« On n’entend pas de bruits de bottes, mais la concentration du pouvoir et des richesses atteint des sommets » [UN ENTRETIEN AVEC ÉRIC VUILLARD, écrivain, prix Goncourt en 2017]
Propos recueillis par Nolwenn Weiler
« On doit pouvoir mettre dans un même livre le petit prolétariat et les notables, les ouvriers et les banquiers. » L’écrivain Éric Vuillard, prix Goncourt en 2017, revient sur ce qui inspire et motive son œuvre.
Basta ! : Prise de la bastille dans 14 juillet, conquête de l’ouest dans Tristesse de la terre, guerre de 14-18 dans La bataille d’Occident… Dans tous vos ouvrages vous apportez un regard singulier sur l’histoire, qui mêle la vie des petites gens et celle des puissants, dont vous décrivez les alliances et stratégies. D’où vous vient cette envie de raconter ainsi l’histoire ?

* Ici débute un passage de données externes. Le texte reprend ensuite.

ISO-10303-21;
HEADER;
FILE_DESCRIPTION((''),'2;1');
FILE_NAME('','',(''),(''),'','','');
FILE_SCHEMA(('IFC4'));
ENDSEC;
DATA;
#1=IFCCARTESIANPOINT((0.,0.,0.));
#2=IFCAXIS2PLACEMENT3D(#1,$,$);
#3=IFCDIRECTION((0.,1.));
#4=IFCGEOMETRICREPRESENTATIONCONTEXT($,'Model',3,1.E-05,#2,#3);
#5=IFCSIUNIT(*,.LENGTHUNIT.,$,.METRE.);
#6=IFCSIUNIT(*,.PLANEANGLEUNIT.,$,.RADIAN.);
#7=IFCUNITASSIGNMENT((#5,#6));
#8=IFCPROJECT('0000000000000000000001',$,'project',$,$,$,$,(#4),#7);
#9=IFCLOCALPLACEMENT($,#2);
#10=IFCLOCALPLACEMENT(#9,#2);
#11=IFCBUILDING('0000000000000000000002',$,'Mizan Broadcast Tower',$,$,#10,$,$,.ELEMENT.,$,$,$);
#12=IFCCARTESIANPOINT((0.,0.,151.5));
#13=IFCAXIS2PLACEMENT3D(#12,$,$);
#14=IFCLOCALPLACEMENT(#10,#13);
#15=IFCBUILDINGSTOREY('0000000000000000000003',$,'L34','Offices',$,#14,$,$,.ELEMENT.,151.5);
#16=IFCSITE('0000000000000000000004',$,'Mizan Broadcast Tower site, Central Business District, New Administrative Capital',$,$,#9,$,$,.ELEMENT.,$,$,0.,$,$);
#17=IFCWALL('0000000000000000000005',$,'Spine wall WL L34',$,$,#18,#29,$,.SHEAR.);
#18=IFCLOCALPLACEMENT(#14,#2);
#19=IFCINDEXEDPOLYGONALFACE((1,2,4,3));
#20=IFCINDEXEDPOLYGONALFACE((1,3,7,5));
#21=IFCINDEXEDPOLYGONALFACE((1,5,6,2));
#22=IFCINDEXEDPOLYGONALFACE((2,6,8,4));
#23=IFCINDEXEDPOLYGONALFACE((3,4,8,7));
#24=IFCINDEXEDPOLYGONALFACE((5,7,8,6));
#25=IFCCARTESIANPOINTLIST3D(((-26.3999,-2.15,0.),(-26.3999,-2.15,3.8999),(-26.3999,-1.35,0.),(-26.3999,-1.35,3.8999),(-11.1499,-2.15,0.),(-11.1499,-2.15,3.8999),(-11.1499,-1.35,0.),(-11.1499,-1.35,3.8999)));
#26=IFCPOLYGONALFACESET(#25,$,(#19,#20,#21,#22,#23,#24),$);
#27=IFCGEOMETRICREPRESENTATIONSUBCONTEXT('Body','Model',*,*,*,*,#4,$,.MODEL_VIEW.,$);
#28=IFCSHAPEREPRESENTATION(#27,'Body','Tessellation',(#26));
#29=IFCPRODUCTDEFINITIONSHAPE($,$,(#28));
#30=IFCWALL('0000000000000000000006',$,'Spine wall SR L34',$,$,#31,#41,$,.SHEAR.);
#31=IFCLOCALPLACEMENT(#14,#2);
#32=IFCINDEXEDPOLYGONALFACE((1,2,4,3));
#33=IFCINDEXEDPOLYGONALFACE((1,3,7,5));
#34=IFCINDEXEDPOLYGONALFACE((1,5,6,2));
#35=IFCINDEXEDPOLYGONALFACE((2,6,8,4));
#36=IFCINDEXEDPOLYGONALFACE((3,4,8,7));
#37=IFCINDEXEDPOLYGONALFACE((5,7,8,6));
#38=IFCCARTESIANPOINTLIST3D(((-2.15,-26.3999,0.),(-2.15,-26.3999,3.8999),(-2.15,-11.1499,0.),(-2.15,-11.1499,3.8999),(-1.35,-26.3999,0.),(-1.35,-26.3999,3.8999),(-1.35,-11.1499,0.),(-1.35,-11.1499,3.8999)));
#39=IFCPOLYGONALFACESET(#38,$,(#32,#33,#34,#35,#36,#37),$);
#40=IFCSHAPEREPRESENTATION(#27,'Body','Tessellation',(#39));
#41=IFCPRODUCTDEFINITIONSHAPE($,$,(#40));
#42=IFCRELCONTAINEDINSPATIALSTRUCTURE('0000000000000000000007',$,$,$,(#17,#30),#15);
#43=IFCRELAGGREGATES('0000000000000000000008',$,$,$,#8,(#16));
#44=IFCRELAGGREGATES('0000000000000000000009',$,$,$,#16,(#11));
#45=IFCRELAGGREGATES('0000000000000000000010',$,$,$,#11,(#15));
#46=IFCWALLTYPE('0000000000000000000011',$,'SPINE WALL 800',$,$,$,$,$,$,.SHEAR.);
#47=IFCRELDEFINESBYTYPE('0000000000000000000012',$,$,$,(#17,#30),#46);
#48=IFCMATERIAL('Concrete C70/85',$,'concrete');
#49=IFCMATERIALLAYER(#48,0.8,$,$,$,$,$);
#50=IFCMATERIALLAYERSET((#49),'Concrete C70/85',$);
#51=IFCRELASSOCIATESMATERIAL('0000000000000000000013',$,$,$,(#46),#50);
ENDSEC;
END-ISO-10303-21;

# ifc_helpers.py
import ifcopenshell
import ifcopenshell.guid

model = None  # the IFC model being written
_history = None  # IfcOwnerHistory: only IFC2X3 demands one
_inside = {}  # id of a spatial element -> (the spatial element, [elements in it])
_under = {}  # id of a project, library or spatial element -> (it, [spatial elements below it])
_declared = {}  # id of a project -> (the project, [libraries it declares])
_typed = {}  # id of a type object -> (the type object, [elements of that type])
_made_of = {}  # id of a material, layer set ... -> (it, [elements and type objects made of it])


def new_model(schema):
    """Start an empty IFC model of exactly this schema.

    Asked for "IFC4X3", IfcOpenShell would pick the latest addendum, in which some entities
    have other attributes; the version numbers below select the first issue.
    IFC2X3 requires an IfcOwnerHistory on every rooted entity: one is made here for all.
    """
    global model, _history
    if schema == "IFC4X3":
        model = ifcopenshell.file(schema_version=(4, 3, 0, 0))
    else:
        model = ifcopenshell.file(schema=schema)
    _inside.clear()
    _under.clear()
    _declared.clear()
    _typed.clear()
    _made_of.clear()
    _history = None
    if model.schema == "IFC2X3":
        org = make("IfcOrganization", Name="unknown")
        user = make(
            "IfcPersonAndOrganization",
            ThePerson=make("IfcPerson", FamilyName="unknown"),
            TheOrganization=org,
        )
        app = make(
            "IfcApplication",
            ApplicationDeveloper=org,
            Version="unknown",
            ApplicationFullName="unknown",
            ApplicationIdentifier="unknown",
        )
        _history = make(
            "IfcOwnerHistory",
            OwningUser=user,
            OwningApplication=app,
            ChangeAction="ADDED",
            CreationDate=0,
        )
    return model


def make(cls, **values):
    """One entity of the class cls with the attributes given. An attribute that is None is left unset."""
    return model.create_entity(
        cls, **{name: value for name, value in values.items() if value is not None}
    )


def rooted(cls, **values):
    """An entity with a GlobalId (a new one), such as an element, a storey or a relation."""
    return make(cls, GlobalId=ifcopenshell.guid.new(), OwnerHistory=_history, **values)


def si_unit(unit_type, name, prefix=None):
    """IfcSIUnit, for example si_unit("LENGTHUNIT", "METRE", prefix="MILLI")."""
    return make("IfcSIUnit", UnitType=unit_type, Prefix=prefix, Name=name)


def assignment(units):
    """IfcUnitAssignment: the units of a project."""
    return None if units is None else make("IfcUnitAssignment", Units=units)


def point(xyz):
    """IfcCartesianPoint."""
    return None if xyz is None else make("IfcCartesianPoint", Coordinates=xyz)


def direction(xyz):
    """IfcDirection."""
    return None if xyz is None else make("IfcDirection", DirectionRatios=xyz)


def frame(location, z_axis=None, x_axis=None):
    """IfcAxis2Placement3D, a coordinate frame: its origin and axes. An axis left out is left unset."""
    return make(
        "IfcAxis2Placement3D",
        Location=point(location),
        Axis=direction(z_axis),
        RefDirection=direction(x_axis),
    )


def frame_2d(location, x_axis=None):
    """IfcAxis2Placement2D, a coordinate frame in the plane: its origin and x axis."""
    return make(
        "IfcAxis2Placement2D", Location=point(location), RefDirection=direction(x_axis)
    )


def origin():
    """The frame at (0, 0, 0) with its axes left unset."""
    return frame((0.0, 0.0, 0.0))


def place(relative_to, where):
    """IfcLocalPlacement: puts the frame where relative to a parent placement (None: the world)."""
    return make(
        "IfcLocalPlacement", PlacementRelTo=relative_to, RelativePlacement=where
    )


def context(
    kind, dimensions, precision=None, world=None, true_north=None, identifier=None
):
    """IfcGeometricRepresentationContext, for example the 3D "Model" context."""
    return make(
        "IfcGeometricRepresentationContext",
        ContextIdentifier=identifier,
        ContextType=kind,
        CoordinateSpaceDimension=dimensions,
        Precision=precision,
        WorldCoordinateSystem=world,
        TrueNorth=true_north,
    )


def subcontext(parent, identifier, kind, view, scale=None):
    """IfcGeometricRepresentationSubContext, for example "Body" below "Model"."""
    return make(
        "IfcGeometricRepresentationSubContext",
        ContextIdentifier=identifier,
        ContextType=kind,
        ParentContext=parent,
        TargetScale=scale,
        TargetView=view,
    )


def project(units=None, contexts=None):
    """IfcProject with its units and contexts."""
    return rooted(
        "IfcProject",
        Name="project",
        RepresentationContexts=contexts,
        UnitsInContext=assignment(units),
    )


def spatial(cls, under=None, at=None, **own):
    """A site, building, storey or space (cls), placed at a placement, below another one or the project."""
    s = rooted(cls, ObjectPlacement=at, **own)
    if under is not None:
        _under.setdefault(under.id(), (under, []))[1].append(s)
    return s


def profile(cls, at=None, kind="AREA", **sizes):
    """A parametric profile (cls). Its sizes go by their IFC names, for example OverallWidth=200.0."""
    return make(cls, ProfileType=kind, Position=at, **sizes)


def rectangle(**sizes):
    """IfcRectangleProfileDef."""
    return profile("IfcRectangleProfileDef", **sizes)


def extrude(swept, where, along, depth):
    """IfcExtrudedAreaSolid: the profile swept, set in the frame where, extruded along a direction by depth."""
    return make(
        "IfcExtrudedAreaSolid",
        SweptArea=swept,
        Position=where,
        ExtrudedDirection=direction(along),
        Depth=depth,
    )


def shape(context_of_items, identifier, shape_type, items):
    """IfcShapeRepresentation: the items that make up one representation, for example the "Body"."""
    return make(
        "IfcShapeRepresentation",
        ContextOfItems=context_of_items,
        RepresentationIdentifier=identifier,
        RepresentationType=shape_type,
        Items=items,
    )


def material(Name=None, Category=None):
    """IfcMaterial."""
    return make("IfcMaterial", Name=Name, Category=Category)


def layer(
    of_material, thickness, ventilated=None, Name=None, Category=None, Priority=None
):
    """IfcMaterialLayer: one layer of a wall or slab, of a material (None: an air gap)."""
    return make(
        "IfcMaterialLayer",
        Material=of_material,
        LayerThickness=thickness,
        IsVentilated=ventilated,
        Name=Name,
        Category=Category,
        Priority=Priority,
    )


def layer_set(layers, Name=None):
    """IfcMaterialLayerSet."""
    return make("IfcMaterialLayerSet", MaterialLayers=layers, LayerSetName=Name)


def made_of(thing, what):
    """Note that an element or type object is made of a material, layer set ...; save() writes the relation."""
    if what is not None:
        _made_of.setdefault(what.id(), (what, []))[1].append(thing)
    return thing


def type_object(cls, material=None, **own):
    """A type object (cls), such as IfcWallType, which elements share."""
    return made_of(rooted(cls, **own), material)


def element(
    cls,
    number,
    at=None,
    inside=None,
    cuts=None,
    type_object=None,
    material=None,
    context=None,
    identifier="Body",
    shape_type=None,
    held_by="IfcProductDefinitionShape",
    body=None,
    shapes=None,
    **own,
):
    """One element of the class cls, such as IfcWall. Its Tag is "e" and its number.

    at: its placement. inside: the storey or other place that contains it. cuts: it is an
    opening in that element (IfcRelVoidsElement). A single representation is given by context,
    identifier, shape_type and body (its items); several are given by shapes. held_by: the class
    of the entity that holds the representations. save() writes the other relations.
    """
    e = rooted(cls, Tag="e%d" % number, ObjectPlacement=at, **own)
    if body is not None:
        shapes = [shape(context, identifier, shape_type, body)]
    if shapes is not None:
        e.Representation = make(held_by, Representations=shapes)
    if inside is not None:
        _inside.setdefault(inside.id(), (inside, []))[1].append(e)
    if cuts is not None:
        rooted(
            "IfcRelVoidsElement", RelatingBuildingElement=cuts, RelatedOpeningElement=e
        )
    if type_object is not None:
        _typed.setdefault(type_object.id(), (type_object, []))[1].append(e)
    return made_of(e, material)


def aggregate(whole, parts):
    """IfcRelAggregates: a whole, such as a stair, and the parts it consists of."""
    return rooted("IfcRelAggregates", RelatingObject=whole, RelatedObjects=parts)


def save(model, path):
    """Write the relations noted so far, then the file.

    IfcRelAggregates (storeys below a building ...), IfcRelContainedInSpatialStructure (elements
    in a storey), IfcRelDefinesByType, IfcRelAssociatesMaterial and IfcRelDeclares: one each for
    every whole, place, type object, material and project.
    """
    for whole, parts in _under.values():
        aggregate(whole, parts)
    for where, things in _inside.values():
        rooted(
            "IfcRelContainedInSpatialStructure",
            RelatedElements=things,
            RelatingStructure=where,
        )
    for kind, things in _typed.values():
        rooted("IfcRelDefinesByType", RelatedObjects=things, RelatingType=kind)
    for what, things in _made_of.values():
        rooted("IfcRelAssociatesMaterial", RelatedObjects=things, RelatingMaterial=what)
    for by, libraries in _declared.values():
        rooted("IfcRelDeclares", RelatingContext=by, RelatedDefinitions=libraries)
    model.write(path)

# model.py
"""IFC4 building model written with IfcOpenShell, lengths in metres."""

from ifc_helpers import new_model, si_unit, direction, frame, frame_2d, origin, place, context, subcontext, project, spatial, rectangle, extrude, material, layer, layer_set, type_object, element, save


model = new_model("IFC4")

# Units and contexts
model_context = context("Model", 3, precision=1e-05, world=origin(), true_north=direction((0.0, 1.0)))
body_context = subcontext(model_context, "Body", "Model", "MODEL_VIEW")
ifc_project = project(units=[si_unit("LENGTHUNIT", "METRE"), si_unit("PLANEANGLEUNIT", "RADIAN")], contexts=[model_context])

# Site, building, storey
site_placement = place(None, origin())
site = spatial("IfcSite", under=ifc_project, at=site_placement, Name="Mizan Broadcast Tower site, Central Business District, New Administrative Capital", CompositionType="ELEMENT", RefElevation=0.0)
building_placement = place(site_placement, origin())
building = spatial("IfcBuilding", under=site, at=building_placement, Name="Mizan Broadcast Tower", CompositionType="ELEMENT")
storey_placement = place(building_placement, frame((0.0, 0.0, 151.5)))
storey = spatial("IfcBuildingStorey", under=building, at=storey_placement, Name="L34", Description="Offices", CompositionType="ELEMENT", Elevation=151.5)

# Walls
ifc_material_1 = material(Name="Concrete C70/85", Category="concrete")
ifc_layer_1 = layer(ifc_material_1, 0.8)
ifc_layer_set_1 = layer_set([ifc_layer_1], Name="Concrete C70/85")
wall_type_1 = type_object("IfcWallType", Name="SPINE WALL 800", PredefinedType="SHEAR", material=ifc_layer_set_1)
for number, where, z_axis, x_axis, name in (
    (1, (-11.1499, -1.75, 0.0), (0.0, 0.0, 1.0), (-1.0, 0.0, 0.0), "Spine wall WL L34"),
    (2, (-1.75, -11.1499, 0.0), (0.0, 0.0, 1.0), (0.0, -1.0, 0.0), "Spine wall SR L34"),
):
    element("IfcWall", number, at=place(storey_placement, frame(where, z_axis=z_axis, x_axis=x_axis)), inside=storey, type_object=wall_type_1, Name=name, PredefinedType="SHEAR", context=body_context, shape_type="SweptSolid", body=[
        extrude(rectangle(XDim=15.25, YDim=0.8, at=frame_2d((7.625, 0.0))), origin(), (0.0, 0.0, 1.0), 3.8999),
    ])

save(model, "model.ifc")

Éric Vuillard : Jane Austen (romancière anglaise née à la fin du 18e siècle) écrivait depuis les pièces communes. Là où les femmes de la gentry étaient alors reléguées, ce qui donne à ses romans leur charge de vérité, puisqu’ils sont le produit d’une observation réelle, constante, mais ce qui leur confère aussi une limite presque invisible, le périmètre d’un monde social étanche, comme magiquement fermé sur lui-même. Nous écrivons tous ainsi, plus ou moins enclos, les gens écrivent en général sur ce qui est autour d’eux. Le problème est que le périmètre de ce qui est autour de nous est de plus en plus étanche aux périmètres voisins, car la société se fragmente. L’écrivain risque de se retrouver enfermé dans un monde social restreint. L’un des mérites de la littérature, c’est de tenter de rompre cette segmentation, de mêler les diverses strates, d’essayer de figurer la société toute entière.
Évoquer la colonisation et la guerre d’Indochine en racontant dans le même livre le travail forcé dans les plantations et les dividendes des banquiers, cela peut aider à comprendre notre monde. Ces deux scènes, le travail forcé à la plantation et le conseil d’administration d’une banque, ne sont pas si étrangères l’une à l’autre. Elles ne le sont qu’en apparence : les dividendes proviennent du travail forcé sur les plantations.